There are five elements to be considered when determining if issue preclusion is appropriate: “(1) the party sought to be precluded in the second suit must have been a party, or in privity with a party, to the original lawsuit; (2) the issue sought to be precluded must be the same as the issue involved in the prior action; (3) the issue sought to be precluded must have been actually litigated in the prior action; (4) the issue sought to be precluded must have been determined by a valid and final judgment; and (5) the determination in the prior action must have been essential to the prior judgment.” Robinette v. Jones, 476 F.3d 585, 589 (8th Cir. 2007).
The problem with B&B’s case was the second element: whether the issues were the same. The 8th Circuit found that the “likelihood of confusion” issue subject to the TTAB decision was not the same “likelihood of confusion” issue heard by the lower court. The TTAB examined the likelihood of confusion in relation to Hargis’ attempt to register the mark “Sealtite.” However, the lower court considered the likelihood of confusion in relation to trademark infringement. These are two different issues and therefore the second element is not satisfied. In addition, the two issues were governed by different standards. “The simple fact that the TTAB addressed the concept of ‘likelihood of confusion’ when dealing with Hargis’s attempt to register its mark does not necessarily equate to a determination of ‘likelihood of confusion’ for purposes of trademark infringement.” Hargis, Slip Op. P. 7. The TTAB used only six of the 13 factors from In re E.I. DuPont DeNemours & Co., 476 F.2d 1357, 1361 (CCPA 1973) in analyzing the “likelihood of confusion.” However, when considering the “likelihood of confusion” issue in a trademark infringement setting, the Eighth Circuit applies a six-factor test from SquirtCo v.

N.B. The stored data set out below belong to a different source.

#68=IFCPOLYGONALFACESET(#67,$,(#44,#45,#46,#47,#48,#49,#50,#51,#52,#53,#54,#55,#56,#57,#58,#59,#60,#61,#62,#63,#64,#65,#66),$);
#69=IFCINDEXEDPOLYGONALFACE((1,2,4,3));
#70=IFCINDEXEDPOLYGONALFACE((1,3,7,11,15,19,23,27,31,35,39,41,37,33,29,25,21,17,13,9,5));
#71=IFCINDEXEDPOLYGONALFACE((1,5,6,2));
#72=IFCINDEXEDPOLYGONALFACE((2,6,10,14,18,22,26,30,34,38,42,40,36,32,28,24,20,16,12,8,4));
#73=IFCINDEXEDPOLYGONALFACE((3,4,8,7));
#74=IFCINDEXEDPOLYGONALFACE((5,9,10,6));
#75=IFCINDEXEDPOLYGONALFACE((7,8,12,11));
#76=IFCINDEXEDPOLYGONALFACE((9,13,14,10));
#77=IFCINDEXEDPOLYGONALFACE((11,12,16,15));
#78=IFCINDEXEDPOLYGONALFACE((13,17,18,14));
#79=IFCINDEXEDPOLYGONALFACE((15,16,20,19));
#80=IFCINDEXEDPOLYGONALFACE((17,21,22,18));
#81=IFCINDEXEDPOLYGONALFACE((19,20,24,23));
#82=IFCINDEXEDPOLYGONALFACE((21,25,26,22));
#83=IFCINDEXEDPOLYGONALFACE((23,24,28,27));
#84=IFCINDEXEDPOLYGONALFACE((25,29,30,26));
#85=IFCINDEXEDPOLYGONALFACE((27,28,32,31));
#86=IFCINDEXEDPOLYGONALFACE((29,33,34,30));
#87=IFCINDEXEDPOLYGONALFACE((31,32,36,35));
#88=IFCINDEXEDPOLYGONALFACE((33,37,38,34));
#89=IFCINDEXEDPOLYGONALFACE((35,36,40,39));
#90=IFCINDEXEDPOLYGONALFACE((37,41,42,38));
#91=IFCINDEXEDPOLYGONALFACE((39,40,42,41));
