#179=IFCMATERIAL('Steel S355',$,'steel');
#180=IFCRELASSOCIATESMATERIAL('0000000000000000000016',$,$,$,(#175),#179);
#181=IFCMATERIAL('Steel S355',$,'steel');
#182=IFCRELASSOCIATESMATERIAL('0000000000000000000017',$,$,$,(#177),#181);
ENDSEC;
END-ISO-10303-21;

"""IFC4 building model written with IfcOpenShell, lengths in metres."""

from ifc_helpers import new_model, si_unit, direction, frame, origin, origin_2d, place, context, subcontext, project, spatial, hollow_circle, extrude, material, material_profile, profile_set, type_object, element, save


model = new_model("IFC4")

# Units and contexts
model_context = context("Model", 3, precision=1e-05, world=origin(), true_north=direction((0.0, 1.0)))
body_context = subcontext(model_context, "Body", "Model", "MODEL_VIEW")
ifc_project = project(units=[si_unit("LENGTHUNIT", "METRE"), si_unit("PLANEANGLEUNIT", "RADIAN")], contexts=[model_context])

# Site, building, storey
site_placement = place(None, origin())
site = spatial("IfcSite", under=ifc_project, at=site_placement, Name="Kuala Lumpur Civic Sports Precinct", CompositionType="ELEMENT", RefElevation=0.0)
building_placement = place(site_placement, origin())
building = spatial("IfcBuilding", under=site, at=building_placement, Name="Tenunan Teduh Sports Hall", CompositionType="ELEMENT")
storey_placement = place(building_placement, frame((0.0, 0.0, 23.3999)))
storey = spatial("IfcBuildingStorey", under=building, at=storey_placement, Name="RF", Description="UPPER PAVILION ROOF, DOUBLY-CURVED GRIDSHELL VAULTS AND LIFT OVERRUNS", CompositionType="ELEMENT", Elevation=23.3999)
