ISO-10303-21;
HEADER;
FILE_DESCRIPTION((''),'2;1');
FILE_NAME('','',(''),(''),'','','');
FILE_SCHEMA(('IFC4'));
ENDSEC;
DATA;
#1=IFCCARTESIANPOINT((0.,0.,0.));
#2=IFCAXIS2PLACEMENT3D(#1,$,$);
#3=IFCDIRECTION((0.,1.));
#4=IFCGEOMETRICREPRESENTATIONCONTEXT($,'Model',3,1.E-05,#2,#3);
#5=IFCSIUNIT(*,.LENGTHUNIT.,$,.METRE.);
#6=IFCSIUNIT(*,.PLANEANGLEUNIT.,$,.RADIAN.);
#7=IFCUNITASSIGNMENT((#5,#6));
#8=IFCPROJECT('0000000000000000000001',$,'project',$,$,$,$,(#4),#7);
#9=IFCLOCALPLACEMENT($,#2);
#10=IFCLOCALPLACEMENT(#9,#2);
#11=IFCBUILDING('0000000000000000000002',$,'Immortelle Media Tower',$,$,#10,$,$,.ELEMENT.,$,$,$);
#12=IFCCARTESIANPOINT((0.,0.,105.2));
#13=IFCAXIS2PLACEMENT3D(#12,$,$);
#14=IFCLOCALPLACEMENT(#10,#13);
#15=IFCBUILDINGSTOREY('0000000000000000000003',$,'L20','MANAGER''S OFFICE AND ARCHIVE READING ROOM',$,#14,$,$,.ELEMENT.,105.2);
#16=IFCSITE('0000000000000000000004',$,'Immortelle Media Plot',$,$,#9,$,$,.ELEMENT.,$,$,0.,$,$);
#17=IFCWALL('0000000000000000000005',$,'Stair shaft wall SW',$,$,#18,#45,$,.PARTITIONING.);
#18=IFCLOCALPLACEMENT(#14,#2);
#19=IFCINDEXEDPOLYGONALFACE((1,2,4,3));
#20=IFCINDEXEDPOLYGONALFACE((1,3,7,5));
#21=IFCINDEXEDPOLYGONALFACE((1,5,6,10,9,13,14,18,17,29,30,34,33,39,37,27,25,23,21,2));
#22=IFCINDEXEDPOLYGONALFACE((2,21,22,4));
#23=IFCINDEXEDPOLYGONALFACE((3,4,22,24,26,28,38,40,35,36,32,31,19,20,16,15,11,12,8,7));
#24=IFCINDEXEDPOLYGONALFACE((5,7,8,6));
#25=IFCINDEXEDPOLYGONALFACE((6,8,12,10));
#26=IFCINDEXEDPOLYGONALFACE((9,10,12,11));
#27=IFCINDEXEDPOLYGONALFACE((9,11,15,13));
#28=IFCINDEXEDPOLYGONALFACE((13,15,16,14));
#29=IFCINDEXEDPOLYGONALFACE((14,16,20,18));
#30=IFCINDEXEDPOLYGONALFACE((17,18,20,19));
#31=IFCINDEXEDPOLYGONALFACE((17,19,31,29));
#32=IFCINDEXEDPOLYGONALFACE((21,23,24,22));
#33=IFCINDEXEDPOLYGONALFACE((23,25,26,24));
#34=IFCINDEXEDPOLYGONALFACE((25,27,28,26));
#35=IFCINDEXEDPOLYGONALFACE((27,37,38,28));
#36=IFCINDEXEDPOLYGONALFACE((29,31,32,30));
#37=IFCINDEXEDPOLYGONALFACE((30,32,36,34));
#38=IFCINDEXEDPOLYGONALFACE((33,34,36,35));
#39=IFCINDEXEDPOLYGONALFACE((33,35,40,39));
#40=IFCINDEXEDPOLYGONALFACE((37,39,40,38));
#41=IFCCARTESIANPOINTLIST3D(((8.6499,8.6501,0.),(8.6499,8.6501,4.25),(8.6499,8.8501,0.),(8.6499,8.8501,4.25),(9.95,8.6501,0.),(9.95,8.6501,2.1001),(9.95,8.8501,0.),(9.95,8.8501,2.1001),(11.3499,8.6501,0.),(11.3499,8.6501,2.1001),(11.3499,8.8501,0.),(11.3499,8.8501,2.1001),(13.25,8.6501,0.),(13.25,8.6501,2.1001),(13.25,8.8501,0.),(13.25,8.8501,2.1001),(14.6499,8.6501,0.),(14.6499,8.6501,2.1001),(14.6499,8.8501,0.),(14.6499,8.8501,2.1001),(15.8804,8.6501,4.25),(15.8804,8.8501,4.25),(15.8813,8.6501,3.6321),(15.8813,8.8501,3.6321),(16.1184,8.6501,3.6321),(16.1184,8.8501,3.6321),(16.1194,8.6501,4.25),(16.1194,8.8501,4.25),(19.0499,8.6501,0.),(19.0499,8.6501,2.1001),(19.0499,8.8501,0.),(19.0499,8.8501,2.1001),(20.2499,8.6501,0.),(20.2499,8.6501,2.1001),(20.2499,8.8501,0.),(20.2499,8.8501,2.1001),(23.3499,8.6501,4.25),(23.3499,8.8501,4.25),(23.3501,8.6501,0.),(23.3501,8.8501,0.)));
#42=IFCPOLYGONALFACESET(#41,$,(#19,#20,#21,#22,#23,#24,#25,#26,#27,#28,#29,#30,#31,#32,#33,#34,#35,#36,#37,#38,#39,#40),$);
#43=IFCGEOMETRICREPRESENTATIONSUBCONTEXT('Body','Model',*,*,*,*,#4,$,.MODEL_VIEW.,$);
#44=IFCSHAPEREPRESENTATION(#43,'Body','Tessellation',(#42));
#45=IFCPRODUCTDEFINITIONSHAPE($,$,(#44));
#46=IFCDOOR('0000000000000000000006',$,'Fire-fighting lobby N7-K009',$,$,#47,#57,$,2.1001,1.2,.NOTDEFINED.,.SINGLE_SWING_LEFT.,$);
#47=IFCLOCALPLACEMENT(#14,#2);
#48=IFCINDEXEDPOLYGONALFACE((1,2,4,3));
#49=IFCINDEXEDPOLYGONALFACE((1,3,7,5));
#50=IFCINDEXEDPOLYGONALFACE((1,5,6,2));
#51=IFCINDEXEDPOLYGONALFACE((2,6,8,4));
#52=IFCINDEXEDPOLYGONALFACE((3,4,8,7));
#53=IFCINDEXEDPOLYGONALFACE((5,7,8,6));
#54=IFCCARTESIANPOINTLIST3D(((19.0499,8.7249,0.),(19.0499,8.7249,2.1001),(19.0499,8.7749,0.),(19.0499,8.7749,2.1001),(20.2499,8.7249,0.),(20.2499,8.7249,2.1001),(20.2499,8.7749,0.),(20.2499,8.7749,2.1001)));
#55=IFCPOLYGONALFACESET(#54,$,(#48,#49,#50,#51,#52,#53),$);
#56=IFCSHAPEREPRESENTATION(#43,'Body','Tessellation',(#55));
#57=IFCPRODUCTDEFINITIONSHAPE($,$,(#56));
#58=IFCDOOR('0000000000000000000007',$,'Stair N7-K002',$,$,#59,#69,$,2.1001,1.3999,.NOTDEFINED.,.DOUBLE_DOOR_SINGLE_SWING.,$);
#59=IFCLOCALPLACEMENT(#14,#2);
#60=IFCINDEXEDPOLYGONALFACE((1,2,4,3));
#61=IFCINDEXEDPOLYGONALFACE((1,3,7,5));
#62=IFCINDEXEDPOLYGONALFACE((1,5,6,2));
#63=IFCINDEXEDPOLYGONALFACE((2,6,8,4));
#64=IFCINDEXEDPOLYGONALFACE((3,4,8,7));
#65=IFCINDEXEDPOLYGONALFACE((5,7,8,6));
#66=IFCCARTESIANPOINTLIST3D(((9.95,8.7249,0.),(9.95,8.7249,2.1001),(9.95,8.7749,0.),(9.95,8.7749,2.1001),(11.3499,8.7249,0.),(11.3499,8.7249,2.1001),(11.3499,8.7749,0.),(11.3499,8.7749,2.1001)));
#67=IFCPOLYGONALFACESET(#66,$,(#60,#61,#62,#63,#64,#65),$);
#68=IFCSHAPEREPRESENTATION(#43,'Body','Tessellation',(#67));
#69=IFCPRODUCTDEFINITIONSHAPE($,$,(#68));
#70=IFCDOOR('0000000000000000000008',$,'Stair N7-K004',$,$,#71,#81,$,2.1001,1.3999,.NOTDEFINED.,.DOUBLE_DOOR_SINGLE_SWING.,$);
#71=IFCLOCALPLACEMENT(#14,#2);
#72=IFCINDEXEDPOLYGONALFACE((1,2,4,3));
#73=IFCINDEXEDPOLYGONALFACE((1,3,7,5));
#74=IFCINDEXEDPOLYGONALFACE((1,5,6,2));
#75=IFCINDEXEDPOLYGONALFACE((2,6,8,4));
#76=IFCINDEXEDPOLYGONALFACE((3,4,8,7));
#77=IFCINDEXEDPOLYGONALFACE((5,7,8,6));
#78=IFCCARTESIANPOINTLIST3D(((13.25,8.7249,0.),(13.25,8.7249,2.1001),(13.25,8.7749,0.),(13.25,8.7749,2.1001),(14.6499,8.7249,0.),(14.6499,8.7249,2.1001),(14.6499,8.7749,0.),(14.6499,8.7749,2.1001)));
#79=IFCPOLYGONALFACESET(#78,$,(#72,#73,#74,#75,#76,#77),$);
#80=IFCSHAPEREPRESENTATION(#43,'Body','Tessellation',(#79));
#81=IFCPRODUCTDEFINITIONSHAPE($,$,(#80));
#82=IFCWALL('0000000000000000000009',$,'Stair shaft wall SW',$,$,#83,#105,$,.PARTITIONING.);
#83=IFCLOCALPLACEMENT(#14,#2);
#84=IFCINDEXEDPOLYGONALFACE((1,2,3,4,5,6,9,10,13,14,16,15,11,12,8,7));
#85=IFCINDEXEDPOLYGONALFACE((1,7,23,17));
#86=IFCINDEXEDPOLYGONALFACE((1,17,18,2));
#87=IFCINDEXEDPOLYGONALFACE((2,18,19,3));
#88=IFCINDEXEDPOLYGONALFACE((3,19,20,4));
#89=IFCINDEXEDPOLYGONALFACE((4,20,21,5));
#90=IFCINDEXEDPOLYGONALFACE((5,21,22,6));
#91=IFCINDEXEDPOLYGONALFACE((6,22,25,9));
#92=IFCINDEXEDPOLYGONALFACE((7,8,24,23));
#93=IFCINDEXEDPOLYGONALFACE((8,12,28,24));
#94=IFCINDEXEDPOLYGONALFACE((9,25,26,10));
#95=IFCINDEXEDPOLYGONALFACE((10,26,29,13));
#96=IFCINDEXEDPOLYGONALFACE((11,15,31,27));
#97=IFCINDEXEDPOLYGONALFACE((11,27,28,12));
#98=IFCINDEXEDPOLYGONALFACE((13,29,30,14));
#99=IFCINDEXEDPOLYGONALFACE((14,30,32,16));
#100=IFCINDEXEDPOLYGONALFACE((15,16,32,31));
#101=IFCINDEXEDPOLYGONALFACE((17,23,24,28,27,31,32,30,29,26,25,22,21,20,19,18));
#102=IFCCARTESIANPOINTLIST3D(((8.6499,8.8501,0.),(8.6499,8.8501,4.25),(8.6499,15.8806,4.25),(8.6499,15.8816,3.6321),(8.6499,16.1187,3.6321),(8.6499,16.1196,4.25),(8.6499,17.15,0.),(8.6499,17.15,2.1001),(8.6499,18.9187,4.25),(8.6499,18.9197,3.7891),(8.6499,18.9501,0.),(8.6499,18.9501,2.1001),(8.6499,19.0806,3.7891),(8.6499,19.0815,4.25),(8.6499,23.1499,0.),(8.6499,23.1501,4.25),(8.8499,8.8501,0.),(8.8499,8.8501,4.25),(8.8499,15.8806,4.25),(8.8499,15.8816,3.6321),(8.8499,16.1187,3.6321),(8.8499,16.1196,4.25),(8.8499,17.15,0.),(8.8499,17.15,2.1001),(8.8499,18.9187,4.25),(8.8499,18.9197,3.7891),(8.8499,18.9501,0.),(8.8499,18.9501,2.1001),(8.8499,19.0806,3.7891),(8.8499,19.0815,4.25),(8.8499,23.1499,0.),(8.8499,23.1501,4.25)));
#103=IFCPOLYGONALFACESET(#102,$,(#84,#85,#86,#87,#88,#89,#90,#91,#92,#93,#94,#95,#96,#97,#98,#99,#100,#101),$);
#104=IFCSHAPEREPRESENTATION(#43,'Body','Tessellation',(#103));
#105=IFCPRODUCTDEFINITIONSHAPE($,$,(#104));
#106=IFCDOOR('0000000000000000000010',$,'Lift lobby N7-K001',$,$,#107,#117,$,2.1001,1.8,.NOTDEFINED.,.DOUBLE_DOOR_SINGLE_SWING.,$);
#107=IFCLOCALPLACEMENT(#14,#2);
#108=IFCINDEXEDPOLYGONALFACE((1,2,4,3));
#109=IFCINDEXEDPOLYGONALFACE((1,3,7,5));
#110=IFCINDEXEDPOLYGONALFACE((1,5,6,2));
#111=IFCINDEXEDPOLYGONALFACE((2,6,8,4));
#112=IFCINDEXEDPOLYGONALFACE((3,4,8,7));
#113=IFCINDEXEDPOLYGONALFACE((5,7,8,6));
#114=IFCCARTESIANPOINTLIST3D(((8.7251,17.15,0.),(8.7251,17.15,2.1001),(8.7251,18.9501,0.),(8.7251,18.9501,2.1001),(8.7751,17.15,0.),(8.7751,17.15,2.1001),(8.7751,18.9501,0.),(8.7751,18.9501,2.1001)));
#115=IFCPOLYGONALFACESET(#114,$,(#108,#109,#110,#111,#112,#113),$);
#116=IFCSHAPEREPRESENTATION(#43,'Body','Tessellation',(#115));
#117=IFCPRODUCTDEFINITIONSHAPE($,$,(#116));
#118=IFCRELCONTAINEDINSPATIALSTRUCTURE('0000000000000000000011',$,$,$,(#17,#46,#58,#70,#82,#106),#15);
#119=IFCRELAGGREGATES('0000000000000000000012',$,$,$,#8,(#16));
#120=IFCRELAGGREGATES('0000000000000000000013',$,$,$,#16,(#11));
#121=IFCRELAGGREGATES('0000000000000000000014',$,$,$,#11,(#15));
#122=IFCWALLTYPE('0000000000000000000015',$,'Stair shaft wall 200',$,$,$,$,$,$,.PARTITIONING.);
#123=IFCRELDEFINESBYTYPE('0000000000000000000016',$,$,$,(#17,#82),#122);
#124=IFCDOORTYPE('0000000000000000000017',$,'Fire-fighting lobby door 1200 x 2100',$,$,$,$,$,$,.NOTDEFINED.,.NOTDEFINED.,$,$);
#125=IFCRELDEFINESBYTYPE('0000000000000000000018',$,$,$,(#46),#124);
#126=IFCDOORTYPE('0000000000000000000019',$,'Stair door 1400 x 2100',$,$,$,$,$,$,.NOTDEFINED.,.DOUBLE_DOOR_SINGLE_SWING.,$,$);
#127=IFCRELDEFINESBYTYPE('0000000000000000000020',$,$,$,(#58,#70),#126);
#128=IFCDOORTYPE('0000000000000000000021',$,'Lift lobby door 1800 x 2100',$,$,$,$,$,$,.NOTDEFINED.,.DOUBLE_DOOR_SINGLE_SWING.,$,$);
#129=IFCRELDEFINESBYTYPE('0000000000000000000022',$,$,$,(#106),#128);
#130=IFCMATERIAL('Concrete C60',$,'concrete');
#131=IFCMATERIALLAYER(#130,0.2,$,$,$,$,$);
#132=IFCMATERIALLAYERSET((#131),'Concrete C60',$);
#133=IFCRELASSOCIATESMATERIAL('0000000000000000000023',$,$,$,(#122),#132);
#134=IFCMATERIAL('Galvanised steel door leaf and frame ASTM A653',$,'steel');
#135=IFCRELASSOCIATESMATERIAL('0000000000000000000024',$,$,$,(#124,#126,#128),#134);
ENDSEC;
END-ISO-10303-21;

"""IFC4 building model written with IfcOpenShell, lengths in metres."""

from ifc_helpers import new_model, si_unit, direction, frame, frame_2d, origin, place, context, subcontext, project, spatial, polyline, rectangle, outline, extrude, material, layer, layer_set, type_object, element, fill, save


model = new_model("IFC4")

# Units and contexts
model_context = context("Model", 3, precision=1e-05, world=origin(), true_north=direction((0.0, 1.0)))
body_context = subcontext(model_context, "Body", "Model", "MODEL_VIEW")
ifc_project = project(units=[si_unit("LENGTHUNIT", "METRE"), si_unit("PLANEANGLEUNIT", "RADIAN")], contexts=[model_context])

# Site, building, storey
site_placement = place(None, origin())
site = spatial("IfcSite", under=ifc_project, at=site_placement, Name="Immortelle Media Plot", CompositionType="ELEMENT", RefElevation=0.0)
building_placement = place(site_placement, origin())
building = spatial("IfcBuilding", under=site, at=building_placement, Name="Immortelle Media Tower", CompositionType="ELEMENT")
storey_placement = place(building_placement, frame((0.0, 0.0, 105.2)))
storey = spatial("IfcBuildingStorey", under=building, at=storey_placement, Name="L20", Description="MANAGER'S OFFICE AND ARCHIVE READING ROOM", CompositionType="ELEMENT", Elevation=105.2)

# Wall, openings, doors
ifc_material_1 = material(Name="Concrete C60", Category="concrete")
ifc_layer = layer(ifc_material_1, 0.2)
ifc_layer_set = layer_set([ifc_layer], Name="Concrete C60")
wall_type = type_object("IfcWallType", Name="Stair shaft wall 200", PredefinedType="PARTITIONING", material=ifc_layer_set)
wall_1_placement = place(storey_placement, frame((8.6499, 8.75, 0.0), z_axis=(0.0, 0.0, 1.0), x_axis=(1.0, 0.0, 0.0)))
wall_1 = element("IfcWall", 1, at=wall_1_placement, inside=storey, type_object=wall_type, Name="Stair shaft wall SW", PredefinedType="PARTITIONING", context=body_context, shape_type="SweptSolid", body=[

Seven-Up Co., 628 F.2d 1086, 1091 (8th Cir. 1980). Thus, the standards governing the issues are different.
Furthermore, while the two issues have similar factors to consider, the marketplace context elements are different, preventing issue preclusion. The TTAB noted that the marketplace context weighed against finding a likelihood of confusion, because the products were different and marketed to different industries, but placed a greater emphasis on appearance and sound of the marks. “While this approach may be appropriate when determining issues of registration, it ignores a critical determination of trademark infringement, that being the marketplace usage of the marks and products.” Hargis, Slip Op. Pp. 8-9.
B&B also argued that even if the TTAB’s decision was not preclusive, the lower court should have given the TTAB’s fact-findings deference or admitted the TTAB’s decision into evidence. The 8th Circuit rejected B&B’s ‘fact-finding” deference argument because B&B relied on only one case to support its argument, but that case’s holding was limited to the facts of that case. The 8th Circuit then considered whether the trial court had abused its discretion in refusing to admit the TTAB’s decision into evidence. The lower court had indicated that TTAB’s decision would be highly confusing and misleading to the jury. The 8th Circuit ruled that the trial court correctly excluded this evidence (granting the motion in limine) because the TTAB and the jury would use different factors to determine the likelihood of confusion. Lastly, the 8th Circuit remanded to the trial court the issue of the amount awarded Hargis for its attorneys fees. Under the Lanham Act, a court has the discretion to award reasonable attorneys’ fees to the prevailing party in exceptional cases, such as when the plaintiff’s case is in bad faith.